面帶笑意,穆卓臨沒有放開白子靖的手腕,反而引着他共同坐于案前,這等殊榮,白子靖還是第一個。

“多謝皇上。”

白子靖坐下後依舊不忘回禮,穆卓臨擺擺手笑道:“子靖,今日殿上一番話可是說到朕心裏去了,不過朕也想考考你,如若真要發兵,我央都勝算如何?”

穆卓臨頓了一下,似若有所思,白子靖看出他還有話要說,于是也就不急于回他。

“你也當知道,央都多年未戰,百姓過慣了安穩的生活,一旦起戰,朕恐不能服衆,也确實怕背上這窮兵黩武之名……”

後面的話,穆卓臨說的底氣不足,白子靖自然是聽出了他的擔憂,他心中所憂并非空穴來風,央都休養生息百餘載,舉國上下奢靡之風盛行,縱是國力強盛,民心所向一但有異,便易生亂。

何況穆卓臨才剛繼位,朝中還有太多不穩定的因素。

“皇上無需多慮,內地百姓可能不知邊境之苦,可邊境黎民一旦被侵略首先都會逃往內地,邊關告急之事早已不胫而走,陛下只需審時度勢,主導輿論走向,使得上下同心,民心所向,必是劍鋒所指。”

白子靖胸有成竹,仿佛一切盡在料想之中,侃侃而談時眼中流光溢彩,宛如驚鴻一瞥,刻在了穆卓臨的心裏。

“再說勝算如何,依餘所見,是必勝!蠻羌一族欺負我們欺負慣了,斷不會想到有朝一日我們會反擊,只要皇上派出數騎鐵騎,來個出其不意,首戰若勝,便能鼓舞士氣,大軍壓境時,便能天威浩蕩,吓也能吓的他們屁滾尿流。

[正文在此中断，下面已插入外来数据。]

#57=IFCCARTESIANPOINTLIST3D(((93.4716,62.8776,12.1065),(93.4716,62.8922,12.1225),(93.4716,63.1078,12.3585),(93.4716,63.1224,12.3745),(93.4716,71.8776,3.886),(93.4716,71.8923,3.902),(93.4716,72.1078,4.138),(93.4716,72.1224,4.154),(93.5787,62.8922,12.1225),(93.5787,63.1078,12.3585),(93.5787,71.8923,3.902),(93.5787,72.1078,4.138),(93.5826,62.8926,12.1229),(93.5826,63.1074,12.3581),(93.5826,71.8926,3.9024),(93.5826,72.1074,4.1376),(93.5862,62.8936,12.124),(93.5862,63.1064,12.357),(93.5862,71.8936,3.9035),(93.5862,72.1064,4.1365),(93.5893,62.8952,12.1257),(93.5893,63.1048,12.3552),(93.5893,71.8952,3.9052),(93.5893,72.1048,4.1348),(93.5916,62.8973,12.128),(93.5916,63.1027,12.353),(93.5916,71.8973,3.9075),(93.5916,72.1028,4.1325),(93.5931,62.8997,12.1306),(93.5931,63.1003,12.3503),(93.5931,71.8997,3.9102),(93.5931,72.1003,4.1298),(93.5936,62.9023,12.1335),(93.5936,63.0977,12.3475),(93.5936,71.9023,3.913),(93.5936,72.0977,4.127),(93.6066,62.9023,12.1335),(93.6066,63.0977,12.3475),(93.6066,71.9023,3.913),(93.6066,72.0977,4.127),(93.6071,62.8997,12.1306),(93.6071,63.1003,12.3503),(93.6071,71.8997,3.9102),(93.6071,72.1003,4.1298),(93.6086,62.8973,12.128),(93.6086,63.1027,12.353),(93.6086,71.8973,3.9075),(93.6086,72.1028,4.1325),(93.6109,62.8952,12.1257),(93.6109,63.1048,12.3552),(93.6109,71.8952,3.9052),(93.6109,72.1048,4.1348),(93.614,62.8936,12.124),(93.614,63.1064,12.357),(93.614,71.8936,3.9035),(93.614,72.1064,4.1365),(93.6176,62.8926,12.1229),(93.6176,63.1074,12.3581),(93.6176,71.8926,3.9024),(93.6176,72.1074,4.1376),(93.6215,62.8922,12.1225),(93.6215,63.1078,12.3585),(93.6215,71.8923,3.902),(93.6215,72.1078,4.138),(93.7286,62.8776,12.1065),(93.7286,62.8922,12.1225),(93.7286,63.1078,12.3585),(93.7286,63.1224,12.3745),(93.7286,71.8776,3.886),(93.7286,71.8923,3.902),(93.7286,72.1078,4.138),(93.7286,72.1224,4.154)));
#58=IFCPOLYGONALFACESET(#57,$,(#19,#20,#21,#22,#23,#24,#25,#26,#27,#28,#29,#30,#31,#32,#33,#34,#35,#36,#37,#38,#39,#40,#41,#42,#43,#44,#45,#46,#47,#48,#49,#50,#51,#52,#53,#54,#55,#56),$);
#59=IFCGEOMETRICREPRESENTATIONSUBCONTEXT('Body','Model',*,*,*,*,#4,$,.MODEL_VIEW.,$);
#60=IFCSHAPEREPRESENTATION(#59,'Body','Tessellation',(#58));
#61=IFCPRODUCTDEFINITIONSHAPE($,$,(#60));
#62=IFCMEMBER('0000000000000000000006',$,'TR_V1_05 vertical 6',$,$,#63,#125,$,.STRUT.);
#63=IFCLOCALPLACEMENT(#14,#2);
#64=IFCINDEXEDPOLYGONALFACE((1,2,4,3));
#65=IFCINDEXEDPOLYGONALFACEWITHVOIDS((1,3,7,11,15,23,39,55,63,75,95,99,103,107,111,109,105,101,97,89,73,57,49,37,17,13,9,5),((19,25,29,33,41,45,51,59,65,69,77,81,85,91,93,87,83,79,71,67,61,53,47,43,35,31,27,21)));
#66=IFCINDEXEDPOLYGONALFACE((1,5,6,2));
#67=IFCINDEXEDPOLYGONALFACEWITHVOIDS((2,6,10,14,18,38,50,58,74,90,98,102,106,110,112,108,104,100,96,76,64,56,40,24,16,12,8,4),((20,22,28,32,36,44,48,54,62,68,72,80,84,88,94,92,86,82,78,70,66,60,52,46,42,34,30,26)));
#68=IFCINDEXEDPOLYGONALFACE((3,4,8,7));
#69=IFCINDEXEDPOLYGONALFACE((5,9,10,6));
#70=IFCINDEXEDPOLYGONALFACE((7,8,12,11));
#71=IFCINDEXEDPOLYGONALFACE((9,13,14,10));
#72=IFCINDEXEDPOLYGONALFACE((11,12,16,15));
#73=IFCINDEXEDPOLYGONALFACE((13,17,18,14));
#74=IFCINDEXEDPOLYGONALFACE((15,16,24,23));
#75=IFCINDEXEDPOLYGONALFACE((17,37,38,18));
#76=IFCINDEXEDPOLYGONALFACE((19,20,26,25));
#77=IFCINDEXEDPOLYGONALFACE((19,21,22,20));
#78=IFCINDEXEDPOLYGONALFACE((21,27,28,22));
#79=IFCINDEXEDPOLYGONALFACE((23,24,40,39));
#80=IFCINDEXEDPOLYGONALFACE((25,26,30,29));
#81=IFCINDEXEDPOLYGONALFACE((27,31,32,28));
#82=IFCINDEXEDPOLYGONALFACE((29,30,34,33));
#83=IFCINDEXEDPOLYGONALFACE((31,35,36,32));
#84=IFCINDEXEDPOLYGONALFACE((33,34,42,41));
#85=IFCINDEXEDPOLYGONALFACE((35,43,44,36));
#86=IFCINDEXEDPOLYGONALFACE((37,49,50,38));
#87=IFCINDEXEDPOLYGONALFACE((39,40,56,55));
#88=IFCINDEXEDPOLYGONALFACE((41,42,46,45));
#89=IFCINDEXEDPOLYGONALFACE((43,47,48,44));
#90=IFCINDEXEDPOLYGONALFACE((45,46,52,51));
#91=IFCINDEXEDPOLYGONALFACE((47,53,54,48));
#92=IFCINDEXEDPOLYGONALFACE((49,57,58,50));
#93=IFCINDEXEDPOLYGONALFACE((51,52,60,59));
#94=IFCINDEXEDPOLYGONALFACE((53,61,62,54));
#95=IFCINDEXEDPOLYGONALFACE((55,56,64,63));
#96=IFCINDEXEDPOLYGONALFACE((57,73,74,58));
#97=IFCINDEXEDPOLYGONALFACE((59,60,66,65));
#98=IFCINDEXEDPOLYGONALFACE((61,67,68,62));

”

“朕如何就沒能早日認識子靖呢?”穆卓臨隔着桌案一把握住了白子靖的手,眼中的興奮顯而易見。

白子靖瞥了一眼被人拽住的手,他不喜別人觸碰,雖是不耐,卻也沒有抽出,只是讪笑着。

這一笑,穆卓臨的心思立馬就被勾了過去,朝上的事解決了,那就該自己的事了。

太像了……簡直太像了。

“子靖你……可有兄弟姊妹?”

白子靖聞言不明所以,這話題轉的太快,穆卓臨究竟在想什麽?難不成是要調查自己?

“回皇上,子靖全家老小唯子靖一人。”

“這樣啊。”

聽到如此答複,穆卓臨心中不禁悵然若失,一時間竟盯着白子靖出了神。

手指扣着桌案,穆卓臨想起一人,那人他想了三年,也是極其的聰明伶俐,讓他一眼難忘,今日近看白子靖,竟覺得兩人眉宇間竟有相似之處。

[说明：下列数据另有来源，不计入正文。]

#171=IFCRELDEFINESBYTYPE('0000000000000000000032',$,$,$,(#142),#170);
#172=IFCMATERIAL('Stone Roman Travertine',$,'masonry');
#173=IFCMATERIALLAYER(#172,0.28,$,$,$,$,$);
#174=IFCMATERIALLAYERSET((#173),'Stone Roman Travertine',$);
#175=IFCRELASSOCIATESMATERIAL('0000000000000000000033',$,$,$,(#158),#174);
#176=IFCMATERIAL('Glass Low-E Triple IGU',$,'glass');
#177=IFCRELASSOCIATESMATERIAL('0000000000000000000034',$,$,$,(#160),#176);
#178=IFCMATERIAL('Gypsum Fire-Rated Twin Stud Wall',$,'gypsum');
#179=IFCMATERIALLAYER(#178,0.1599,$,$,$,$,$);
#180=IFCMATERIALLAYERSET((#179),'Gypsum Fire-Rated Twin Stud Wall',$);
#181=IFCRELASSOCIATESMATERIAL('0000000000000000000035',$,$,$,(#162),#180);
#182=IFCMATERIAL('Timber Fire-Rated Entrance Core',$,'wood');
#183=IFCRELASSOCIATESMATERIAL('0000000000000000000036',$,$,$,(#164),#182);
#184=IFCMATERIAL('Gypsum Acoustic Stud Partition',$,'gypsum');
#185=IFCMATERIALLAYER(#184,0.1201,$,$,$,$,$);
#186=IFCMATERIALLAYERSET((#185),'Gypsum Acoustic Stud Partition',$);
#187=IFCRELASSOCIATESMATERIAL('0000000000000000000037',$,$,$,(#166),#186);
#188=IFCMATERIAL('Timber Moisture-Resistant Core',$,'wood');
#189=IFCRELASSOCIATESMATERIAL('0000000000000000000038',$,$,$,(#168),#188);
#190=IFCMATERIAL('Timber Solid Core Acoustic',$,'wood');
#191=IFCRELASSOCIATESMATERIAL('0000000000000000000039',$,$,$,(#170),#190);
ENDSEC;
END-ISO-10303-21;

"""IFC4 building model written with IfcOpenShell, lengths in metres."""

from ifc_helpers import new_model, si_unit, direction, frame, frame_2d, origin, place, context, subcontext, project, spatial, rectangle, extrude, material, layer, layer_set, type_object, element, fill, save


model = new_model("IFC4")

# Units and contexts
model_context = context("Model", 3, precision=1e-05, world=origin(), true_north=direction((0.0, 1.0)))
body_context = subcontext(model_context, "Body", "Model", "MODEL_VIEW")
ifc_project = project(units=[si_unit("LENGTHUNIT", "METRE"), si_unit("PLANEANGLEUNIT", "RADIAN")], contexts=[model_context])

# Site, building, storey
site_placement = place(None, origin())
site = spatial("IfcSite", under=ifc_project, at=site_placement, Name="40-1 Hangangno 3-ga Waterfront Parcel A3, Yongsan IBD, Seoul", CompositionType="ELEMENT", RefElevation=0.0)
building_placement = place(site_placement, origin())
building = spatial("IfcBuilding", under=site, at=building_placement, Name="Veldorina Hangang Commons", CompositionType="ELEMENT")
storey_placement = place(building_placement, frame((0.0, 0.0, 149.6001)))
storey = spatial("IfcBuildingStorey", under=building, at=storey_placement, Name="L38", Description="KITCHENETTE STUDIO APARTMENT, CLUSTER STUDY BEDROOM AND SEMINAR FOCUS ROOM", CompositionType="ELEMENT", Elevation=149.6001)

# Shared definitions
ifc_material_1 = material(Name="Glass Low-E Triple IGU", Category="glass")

只是那人是女子,而白子靖卻是堂堂七尺男兒,相思之苦一時勾起,怎麽也按耐不下。

“皇上?皇上!”白子靖看出穆卓臨心不在焉,而且他方才看到對方唇角忽然上揚,也不知是想到什麽開心的事情了。

“啊!怎麽?”穆卓臨這才想起白子靖還在,尴尬的看着對方。

白子靖見皇上如此,想來也是不會有什麽事要交代了,于是就行禮退下。

白子靖走後,穆卓臨叫內侍進來,小聲在人耳旁低語幾聲後,內侍便快步離去,穆卓臨則又陷入沉思。